Most of the time is spent discussion my past projects, both technical and less
technical aspects, like conflicts in team work and what not. Since I'm
recently out of school, those projects are mainly a major design project I was
a part of in undergrad (designing building a desert orienteering buggy from
the ground up in 2 years), my master's research project, and coops (5) I did
in undergrad.

Sometimes, especially if there is an HR person in the room, I'll be asked the
really cliché interview questions, like name your 3 worst weaknesses. I hate
that, it's a bullshit question, and (I hope) they very well know everyone will
give them bullshit answers with the straightest face they can.

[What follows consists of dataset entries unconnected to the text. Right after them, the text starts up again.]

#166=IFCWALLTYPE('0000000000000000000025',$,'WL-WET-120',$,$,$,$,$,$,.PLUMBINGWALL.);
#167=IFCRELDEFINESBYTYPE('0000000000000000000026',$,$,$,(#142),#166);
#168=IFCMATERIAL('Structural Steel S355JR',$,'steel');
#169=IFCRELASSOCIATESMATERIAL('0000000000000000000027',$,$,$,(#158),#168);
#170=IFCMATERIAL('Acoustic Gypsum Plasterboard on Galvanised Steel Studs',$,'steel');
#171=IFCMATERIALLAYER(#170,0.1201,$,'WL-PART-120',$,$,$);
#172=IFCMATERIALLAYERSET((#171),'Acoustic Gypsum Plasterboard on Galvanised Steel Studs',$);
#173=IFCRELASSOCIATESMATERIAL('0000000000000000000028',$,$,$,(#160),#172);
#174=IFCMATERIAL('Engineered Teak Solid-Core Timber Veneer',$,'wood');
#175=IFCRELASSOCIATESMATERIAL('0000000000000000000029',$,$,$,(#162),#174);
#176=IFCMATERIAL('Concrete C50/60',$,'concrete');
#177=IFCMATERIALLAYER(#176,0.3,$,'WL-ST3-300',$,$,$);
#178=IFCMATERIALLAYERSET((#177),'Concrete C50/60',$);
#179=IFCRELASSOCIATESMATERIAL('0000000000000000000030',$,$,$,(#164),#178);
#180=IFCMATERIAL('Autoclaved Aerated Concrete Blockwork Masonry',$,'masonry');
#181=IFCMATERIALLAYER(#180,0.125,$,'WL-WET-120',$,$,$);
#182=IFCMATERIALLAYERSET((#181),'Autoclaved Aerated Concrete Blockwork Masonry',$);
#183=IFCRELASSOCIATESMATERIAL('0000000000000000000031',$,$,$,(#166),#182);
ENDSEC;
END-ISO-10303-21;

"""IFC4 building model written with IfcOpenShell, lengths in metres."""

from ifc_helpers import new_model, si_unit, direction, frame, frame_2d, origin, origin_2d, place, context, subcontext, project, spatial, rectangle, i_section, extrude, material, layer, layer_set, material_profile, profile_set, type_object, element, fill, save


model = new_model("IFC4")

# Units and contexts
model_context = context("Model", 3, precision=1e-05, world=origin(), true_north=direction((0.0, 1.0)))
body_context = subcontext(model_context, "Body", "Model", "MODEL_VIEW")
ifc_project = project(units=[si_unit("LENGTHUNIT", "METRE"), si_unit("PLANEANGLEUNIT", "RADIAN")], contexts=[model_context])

Exactly once I've been asked to solve relatively trivial mechanical
(statics&dynamics) problems on a piece of paper. Honestly, I normally enjoy it
when I get to write down FBDs and work out those kinds of problems. But it was
the first I was asked to do it with an interviewer watching over my shoulder,
and that was much harder than I thought. I totally choked up under pressure,
and could only barely finish 70% of one of two problems. I feel for you devs
now.

Funnily enough, in that same interview, there was a later part with an HR
lady, that went well enough I think, until at the end she asked me asked the
movie I thought was the funniest I ever saw. Sort of stressed and exhausted
from the previous 3 hours of interviewing, not being a huge fan of comedies in
general, and having recently re-watched Fargo, I went on about Coen Brothers
movies, and how I think there is something hilarious about how trivial
misunderstandings escalate into ridiculously life changing outcomes for every
character.

Apparently she'd never heard of any of those films, and I'm not good at
communicating my enjoyment of George Clooney's fuck machine in Burn After
Reading. Didn't get that job, not sure if it was that or the paper problems
that sank me.

(just kidding, I definitely did _not_ bring up a fuck machine in a job
interview, but I might have went on a bit much about Fargo, which she intially
confused with Argo)

------
julie1
Daily movers: be on time at 7am.

Next day 7am: get into the truck, don't forget to sign the daily contract,
pays is monthly at the end of the month. Come tomorrow at 7am, if you did your
job correctly you will have another contract.